1. on my droid the flash is pretty bright 

2 i just downloaded an app , search "strobe" ...very cool, does all sorts of colors flashing as well as steady light and police and firetruck strobing :devil:...just place on the dash and zoooom


----------



## Greta (Nov 19, 2009)

qip... I saw those apps... couldn't bring myself to download any of them... didn't want to appear THAT much a geek!   :nana: ... No, I'm talking about a flash(light) for the camera.


----------



## Eugene (Nov 19, 2009)

What lack of flash, you must be on one of those phone networks that lacks things like that, mine has a bright flash (where's the poking stick emoticon when we need it)


----------



## almach1 (Nov 25, 2009)

Pellidon said:


> Carry a small pocket torch? :lolsign:
> 
> OK I deserve this....


I just downloaded mototorch for my Droid. Turns on the dual led used for the camera flash. Pocket torch now in hand. Good for about 5 lumens.


Postering from it right now.


----------



## almach1 (Nov 25, 2009)

.......


----------



## Burgess (Nov 26, 2009)

Awaiting your run-time results.



_


----------



## kwkarth (Nov 26, 2009)

LuxLuthor said:


> Great link, Lit Up. Thanks. Edit: I read their ReadMe and they are still recommending ver 0.2, although I see 0.3 on downloads. Do you recommend one or the other?
> 
> One "App" I saw a friend using on their newer iPhone which seemed promising was speaking voice commands with apparently a pretty good recognition/accuracy level. Does Droid have that capability?
> 
> I see all the models are customized with the various carriers. We are using Verizon.



Lux,
I have been using the G1 on T-Mobile since it was first released. Android is the OS and you will see the Andriod OS available on pretty much every carrier before the end of the year. I recently bought a new Cliq (another Android based phone) to try out some new droid hardware, since my G1 was getting long in the tooth, although it was working fine. So far I really like most everything about the Cliq. It's made by Motorola as is the Driod at Verizon. The Droid has a larger screen, more powerful processor, and ships with Android 2.0, the first android phone to ship with 2.0. If Verizon is your preferred carrier it is certainly the first phone to look at. If you're with T-Mobile, then Cliq is a good choice. Android is a great up and coming O/S and based upon an open source. Tons of apps that are available for the iPhone also manage to show up for Android based phones and most of the apps are free.


----------



## almach1 (Nov 26, 2009)

Burgess said:


> Awaiting your run-time results.
> 
> 
> 
> _



What does that mean?


----------



## Lebkuecher (Nov 26, 2009)

To the left you have a Moto Qlic with MotoBlur which is a good option if you need or want a physical Keyboard and are involved in social network sights such as Facebook or Myspace. The Moto Qlic with MotoBlur comes preloaded with the social widgets already and installed and all you need to do is add your account information and you are good to go. Another added benefit of the Moto Blur is you will have 5 screens instead of three to customize. 
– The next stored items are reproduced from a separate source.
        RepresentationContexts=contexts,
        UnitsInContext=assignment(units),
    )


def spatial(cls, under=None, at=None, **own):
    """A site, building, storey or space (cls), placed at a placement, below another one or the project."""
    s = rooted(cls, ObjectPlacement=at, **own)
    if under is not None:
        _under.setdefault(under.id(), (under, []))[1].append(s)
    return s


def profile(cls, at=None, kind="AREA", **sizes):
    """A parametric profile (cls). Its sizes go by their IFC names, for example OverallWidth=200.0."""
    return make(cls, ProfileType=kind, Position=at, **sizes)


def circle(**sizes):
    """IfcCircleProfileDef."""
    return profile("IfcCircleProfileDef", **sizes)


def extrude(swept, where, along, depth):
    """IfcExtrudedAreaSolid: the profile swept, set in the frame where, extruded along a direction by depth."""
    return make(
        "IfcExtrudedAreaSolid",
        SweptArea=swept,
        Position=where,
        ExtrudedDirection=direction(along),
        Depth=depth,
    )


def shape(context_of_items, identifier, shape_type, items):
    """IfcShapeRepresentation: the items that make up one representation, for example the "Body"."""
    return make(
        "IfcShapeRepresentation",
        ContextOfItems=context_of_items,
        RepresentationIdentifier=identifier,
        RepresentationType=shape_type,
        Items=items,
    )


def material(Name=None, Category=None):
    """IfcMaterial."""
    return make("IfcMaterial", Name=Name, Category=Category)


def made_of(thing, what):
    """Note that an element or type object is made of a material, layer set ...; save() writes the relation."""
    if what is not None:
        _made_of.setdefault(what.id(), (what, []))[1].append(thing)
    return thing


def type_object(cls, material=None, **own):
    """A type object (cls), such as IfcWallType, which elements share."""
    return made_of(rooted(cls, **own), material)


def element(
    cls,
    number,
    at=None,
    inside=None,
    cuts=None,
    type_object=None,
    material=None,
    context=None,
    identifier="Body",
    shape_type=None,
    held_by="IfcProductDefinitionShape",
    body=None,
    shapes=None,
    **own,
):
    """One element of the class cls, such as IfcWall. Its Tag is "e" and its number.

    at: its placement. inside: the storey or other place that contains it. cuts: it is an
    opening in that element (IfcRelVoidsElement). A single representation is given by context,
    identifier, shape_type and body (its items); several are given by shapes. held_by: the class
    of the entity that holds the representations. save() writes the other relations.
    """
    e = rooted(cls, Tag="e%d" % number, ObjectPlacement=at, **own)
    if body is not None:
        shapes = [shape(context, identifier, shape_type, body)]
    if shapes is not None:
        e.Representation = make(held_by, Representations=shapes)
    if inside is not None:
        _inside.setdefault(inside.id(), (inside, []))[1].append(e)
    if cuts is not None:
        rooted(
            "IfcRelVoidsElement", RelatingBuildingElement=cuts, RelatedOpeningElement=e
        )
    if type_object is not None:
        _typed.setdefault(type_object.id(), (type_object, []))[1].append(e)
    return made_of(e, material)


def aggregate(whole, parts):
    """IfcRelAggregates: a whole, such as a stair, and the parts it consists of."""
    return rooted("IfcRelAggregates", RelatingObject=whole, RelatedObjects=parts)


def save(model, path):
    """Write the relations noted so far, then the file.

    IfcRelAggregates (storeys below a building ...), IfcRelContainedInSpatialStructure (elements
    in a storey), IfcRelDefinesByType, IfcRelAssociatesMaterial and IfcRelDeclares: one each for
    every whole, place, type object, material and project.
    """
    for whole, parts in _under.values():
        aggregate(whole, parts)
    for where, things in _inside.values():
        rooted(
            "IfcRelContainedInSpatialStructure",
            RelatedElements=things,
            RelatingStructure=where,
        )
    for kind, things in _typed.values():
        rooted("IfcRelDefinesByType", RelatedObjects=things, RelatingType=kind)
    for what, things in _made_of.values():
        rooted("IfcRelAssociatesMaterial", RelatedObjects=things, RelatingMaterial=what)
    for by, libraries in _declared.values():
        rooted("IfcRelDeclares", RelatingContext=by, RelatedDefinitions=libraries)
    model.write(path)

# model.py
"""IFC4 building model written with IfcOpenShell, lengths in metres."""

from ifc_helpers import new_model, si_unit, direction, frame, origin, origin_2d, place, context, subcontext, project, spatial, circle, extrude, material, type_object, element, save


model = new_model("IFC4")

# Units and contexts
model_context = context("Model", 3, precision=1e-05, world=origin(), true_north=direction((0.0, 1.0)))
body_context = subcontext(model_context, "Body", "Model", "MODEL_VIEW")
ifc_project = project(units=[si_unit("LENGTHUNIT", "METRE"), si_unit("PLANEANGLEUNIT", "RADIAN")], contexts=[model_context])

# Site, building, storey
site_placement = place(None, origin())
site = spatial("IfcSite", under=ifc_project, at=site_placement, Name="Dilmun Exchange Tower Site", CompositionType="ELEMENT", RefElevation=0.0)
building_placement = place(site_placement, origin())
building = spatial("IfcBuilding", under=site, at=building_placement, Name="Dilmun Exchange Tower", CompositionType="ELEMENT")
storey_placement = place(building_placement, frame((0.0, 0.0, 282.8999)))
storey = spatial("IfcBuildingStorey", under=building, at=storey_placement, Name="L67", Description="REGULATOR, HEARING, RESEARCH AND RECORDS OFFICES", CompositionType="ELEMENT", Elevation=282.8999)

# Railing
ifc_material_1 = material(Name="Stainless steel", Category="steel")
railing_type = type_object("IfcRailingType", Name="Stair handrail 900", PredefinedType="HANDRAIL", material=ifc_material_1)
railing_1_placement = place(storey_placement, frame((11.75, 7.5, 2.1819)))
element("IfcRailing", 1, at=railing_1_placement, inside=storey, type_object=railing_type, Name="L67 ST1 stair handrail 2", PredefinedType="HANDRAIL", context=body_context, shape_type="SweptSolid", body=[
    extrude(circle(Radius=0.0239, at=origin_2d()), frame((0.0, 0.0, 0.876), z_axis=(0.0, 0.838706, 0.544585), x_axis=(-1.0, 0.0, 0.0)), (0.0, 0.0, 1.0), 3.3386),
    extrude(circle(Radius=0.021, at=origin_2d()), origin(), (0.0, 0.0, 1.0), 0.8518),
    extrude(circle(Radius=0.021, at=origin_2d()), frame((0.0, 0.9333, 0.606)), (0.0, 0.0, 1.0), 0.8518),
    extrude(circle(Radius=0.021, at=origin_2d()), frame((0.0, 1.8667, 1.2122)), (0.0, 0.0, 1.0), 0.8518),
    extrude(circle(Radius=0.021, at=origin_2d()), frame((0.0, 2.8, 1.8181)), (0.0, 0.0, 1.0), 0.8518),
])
To the right is the MyTouch, and is my preferred Phone because it is not near as bulky and I am a HTC fan. The MyTouch doesn’t have a physical Keyboard so it is smaller and easier to carry around and is almost the exact same size of the Sprint Hero. If you are a first time buyer of an Android device make sure you can use the onscreen keyboard before deciding which device to get, some people need a physical keyboard because they can not use the on screen keyboard especially if the person types using there finger nails. Also if you are a gamer you will want a physical keyboard as well.

I recommend for people who are new to Android to download the following applications.

ShopSavvy - This is a great application; it turns your phone's camera into a bar code scanner which allows you to scan barcodes to do comparative price shopping on the spot. The software will give you both online and local prices as well as the ability to set price alerts and view reviews.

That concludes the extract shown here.